Whether you can still enroll in a course that has already started depends on the institution's policies and the specific course. Many colleges and universities have deadlines for enrollment, but some may allow late registration under certain circumstances. It's best to contact the admissions office or the course instructor directly to inquire about your options. They will provide you with the most accurate and relevant information.


In [19]:
def llm(prompt):
    response = client.chat.completions.create(
        model='gpt-4o-mini',
        messages=[{"role": "user", "content": prompt}]
    )
    
    return response.choices[0].message.content


def search(query):
    boost = {'question': 3.0, 'section': 0.5}

    results = index.search(
        query=query,
        filter_dict={'course': 'data-engineering-zoomcamp'},
        boost_dict=boost,
        num_results=5
    )

    return results


def build_prompt(query, search_results):
    prompt_template = """
You're a course teaching assistant. Answer the QUESTION based on the CONTEXT from the FAQ database.
Use only the facts from the CONTEXT when answering the QUESTION.

QUESTION: {question}

CONTEXT: 
{context}
""".strip()

    context = ""
    
    for doc in search_results:
        context = context + f"section: {doc['section']}\nquestion: {doc['question']}\nanswer: {doc['text']}\n\n"
    
    prompt = prompt_template.format(question=query, context=context).strip()
    return prompt


def rag(query):
    search_results = search(query)
    prompt = build_prompt(query, search_results)
    answer = llm(prompt)
    return answer

In [21]:
response = rag(q)

print(response)

Yes, you can still enroll in the course after the start date.

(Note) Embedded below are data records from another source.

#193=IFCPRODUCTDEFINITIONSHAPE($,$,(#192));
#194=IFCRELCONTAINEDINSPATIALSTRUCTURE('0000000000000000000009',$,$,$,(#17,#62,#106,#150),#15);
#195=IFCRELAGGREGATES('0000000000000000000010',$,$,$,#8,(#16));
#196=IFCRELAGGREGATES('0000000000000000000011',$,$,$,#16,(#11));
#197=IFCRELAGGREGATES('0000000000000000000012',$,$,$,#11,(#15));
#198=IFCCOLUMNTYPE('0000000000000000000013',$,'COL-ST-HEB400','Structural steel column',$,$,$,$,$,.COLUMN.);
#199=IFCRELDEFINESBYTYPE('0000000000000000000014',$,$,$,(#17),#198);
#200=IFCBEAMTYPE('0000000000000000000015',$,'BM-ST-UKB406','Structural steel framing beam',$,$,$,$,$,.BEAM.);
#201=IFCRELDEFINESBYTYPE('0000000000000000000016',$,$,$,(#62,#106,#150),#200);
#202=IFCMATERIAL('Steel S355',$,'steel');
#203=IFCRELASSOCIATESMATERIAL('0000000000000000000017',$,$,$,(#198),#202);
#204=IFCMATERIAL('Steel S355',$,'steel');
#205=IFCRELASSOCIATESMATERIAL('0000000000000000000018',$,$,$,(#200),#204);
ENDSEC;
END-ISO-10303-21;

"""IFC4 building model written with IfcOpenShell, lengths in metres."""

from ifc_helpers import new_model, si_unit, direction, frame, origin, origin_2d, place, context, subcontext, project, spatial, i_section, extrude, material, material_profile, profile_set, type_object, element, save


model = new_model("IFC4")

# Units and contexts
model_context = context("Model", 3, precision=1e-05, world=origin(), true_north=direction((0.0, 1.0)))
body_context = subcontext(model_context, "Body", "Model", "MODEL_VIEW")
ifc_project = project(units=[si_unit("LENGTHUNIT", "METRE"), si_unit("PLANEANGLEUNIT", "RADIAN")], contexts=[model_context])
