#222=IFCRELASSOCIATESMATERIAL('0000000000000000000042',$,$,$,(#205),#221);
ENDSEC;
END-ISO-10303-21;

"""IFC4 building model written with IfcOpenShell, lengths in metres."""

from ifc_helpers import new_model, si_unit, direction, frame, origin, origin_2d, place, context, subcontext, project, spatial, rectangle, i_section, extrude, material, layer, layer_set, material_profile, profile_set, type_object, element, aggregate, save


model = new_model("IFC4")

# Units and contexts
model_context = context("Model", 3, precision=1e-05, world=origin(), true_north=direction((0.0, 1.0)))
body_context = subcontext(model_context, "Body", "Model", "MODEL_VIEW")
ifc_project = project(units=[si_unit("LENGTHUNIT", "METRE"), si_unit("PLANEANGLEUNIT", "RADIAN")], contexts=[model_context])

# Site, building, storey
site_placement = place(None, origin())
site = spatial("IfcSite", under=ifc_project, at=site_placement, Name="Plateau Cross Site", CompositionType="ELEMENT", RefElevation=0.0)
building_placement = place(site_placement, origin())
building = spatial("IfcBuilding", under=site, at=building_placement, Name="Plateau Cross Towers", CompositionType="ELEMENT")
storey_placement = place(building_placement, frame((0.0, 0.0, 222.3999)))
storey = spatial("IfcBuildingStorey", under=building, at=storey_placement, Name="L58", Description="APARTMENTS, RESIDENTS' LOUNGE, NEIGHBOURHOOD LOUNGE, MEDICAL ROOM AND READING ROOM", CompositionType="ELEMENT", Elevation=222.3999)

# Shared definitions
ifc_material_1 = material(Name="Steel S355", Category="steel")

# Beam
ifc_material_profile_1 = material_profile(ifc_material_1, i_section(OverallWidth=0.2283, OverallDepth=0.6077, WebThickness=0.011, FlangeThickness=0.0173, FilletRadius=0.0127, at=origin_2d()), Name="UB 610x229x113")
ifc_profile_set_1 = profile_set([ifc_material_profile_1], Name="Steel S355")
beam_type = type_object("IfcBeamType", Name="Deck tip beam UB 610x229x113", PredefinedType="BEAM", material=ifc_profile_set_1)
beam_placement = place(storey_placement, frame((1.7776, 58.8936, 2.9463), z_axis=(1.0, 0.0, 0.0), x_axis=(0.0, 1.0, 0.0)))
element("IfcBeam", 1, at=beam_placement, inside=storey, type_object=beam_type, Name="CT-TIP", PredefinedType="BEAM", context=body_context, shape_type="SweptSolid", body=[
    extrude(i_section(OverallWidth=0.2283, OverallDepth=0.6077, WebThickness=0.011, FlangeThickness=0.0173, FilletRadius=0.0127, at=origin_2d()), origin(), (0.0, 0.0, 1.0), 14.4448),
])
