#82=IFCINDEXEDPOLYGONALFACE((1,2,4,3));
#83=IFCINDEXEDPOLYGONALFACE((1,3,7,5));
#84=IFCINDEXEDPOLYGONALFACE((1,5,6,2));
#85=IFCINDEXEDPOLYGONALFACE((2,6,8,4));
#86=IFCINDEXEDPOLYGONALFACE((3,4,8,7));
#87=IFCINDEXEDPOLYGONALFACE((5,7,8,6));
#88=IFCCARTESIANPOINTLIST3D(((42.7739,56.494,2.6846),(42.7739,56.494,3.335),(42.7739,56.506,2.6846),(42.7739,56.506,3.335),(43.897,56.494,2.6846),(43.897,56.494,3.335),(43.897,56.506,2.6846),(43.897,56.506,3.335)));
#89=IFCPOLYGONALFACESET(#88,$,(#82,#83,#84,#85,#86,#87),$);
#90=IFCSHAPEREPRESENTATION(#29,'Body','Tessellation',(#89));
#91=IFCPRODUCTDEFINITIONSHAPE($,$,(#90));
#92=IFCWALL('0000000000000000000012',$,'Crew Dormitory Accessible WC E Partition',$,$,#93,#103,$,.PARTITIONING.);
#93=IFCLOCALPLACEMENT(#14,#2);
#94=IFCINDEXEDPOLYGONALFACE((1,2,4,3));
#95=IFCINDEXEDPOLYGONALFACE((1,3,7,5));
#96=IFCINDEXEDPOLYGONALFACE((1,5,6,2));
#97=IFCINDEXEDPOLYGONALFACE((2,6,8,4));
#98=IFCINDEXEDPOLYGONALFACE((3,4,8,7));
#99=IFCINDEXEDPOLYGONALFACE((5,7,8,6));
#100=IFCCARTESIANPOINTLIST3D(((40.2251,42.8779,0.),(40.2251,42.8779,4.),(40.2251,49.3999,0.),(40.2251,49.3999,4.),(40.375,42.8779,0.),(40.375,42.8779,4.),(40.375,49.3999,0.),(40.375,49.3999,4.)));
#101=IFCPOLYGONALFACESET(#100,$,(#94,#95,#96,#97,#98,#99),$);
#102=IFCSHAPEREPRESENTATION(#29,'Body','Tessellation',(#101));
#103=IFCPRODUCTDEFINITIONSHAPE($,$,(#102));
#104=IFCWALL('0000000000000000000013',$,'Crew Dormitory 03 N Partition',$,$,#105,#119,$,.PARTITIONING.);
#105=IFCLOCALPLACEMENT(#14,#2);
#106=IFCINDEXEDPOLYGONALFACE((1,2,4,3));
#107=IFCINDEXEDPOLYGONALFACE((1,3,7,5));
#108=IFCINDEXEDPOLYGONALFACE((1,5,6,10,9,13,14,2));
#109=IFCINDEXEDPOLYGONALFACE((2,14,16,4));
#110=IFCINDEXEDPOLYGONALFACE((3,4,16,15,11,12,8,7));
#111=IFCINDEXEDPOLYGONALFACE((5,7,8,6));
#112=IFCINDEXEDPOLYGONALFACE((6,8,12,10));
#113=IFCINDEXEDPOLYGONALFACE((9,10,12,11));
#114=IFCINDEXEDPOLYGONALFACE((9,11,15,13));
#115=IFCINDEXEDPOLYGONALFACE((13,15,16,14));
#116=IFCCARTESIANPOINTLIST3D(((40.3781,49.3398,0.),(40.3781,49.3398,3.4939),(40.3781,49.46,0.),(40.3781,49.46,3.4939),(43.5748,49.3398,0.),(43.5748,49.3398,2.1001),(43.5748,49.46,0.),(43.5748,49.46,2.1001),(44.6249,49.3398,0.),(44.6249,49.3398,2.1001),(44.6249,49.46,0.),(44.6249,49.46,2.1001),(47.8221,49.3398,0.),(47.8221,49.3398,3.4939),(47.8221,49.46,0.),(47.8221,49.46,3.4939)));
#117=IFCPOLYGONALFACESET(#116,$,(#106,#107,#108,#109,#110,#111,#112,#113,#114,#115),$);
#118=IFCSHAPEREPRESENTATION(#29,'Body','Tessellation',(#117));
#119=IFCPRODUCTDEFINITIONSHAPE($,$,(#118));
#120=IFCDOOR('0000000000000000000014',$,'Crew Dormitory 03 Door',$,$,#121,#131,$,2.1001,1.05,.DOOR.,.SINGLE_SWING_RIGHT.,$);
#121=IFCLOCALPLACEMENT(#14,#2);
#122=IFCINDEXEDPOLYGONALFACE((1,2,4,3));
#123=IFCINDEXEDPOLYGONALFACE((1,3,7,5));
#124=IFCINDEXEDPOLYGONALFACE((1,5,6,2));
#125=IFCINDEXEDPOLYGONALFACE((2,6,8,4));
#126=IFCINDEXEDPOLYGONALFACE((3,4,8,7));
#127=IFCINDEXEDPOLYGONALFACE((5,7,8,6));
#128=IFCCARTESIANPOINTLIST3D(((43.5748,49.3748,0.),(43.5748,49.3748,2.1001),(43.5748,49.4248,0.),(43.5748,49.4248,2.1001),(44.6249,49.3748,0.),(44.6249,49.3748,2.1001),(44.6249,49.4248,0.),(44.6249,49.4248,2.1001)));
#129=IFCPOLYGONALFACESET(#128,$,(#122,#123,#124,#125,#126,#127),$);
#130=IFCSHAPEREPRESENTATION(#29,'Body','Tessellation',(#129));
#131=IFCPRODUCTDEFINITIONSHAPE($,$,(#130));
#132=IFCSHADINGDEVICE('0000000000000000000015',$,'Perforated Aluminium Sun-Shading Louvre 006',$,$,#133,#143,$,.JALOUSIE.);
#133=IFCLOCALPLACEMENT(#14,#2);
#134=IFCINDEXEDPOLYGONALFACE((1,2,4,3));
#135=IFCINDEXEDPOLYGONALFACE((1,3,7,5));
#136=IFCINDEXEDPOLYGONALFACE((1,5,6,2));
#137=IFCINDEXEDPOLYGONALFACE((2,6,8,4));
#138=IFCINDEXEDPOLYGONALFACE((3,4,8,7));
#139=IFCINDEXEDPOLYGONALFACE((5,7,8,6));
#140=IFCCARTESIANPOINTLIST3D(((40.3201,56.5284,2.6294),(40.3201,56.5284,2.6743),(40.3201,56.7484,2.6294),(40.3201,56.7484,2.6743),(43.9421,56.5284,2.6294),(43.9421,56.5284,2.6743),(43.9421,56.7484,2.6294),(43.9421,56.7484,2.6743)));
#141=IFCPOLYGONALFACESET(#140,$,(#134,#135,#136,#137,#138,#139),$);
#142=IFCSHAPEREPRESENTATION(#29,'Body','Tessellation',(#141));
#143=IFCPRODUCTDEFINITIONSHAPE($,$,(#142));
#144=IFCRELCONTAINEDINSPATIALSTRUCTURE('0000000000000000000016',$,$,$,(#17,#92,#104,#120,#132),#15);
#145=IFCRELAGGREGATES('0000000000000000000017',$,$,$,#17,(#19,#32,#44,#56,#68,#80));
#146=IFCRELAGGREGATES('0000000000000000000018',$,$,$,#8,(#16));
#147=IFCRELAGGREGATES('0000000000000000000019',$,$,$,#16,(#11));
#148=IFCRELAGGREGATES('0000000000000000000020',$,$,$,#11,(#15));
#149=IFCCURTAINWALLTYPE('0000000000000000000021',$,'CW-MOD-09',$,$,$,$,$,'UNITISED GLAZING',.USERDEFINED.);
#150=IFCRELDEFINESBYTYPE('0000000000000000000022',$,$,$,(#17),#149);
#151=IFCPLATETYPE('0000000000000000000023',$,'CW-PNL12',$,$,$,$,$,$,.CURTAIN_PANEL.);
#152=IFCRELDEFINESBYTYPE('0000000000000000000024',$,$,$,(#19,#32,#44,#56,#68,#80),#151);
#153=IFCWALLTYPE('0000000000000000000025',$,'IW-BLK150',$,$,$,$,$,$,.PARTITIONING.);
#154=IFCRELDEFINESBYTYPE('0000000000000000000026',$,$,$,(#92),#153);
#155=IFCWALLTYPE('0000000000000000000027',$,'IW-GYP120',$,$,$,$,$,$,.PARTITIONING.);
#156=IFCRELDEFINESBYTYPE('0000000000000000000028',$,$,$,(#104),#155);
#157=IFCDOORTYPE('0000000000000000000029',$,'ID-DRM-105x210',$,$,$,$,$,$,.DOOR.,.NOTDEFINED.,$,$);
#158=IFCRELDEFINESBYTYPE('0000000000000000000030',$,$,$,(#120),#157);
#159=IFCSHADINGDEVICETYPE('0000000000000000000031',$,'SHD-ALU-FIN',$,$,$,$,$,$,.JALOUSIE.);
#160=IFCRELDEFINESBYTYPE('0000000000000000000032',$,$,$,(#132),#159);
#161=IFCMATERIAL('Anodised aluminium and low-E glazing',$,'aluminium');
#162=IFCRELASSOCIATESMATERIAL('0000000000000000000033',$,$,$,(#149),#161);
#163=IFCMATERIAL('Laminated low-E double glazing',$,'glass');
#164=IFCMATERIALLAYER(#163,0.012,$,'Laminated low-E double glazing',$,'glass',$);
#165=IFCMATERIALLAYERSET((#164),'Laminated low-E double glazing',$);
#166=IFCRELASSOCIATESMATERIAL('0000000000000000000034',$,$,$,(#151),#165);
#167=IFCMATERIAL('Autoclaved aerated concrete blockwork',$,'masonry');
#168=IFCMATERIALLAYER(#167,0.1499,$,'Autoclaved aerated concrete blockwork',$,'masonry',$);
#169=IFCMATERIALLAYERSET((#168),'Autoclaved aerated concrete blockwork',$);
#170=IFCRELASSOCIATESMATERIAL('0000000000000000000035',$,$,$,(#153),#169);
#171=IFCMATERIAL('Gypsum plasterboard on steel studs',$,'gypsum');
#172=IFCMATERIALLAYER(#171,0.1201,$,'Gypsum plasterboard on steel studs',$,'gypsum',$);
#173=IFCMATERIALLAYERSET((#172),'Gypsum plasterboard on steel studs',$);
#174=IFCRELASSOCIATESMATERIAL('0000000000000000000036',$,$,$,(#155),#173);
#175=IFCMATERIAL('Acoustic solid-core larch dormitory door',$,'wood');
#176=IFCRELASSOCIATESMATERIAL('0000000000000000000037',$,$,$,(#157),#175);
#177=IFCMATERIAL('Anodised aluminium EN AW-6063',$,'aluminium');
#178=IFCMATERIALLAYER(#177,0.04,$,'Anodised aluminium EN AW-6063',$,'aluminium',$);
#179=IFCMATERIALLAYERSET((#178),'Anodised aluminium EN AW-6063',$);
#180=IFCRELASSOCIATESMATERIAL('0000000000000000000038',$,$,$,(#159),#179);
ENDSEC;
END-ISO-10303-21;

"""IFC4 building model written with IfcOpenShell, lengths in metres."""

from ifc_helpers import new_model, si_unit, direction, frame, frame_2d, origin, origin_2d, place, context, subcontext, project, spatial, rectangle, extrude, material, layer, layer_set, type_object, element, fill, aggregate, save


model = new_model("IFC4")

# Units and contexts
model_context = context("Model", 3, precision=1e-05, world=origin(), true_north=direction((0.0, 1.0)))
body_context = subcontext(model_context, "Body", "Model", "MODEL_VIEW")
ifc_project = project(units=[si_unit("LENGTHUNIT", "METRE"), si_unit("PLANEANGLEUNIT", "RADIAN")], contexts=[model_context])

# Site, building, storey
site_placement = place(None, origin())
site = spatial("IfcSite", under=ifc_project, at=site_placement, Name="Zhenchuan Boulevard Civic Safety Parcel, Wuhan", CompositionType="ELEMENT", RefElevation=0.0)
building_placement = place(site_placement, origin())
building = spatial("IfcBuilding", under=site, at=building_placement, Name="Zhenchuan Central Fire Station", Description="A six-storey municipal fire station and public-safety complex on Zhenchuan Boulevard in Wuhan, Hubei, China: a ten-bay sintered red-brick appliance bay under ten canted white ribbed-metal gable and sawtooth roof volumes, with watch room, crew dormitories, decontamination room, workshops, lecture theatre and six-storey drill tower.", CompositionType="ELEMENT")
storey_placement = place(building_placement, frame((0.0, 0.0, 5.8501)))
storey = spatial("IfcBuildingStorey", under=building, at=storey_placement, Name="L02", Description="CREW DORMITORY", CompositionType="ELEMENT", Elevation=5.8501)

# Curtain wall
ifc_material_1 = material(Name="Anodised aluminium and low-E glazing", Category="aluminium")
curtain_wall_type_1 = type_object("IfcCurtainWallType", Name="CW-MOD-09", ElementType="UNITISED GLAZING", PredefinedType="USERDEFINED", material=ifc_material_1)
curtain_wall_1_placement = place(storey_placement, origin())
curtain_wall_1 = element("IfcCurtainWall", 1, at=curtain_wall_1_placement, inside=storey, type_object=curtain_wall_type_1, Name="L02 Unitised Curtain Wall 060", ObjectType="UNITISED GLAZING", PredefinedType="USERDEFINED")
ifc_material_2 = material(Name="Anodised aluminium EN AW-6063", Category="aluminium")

Even if you don't register, you're still eligible to submit the homework. However, keep in mind that there will be deadlines for turning in the final projects, so it's best not to leave everything until the last minute.


In [22]:
q = 'how do I run kafka?'
response = rag(q)

print(response)

To run Kafka, you can execute the following command in the terminal from your project directory:

```bash
java -cp build/libs/<jar_name>-1.0-SNAPSHOT.jar:out src/main/java/org/example/JsonProducer.java
```

Make sure to replace `<jar_name>` with the actual name of your jar file.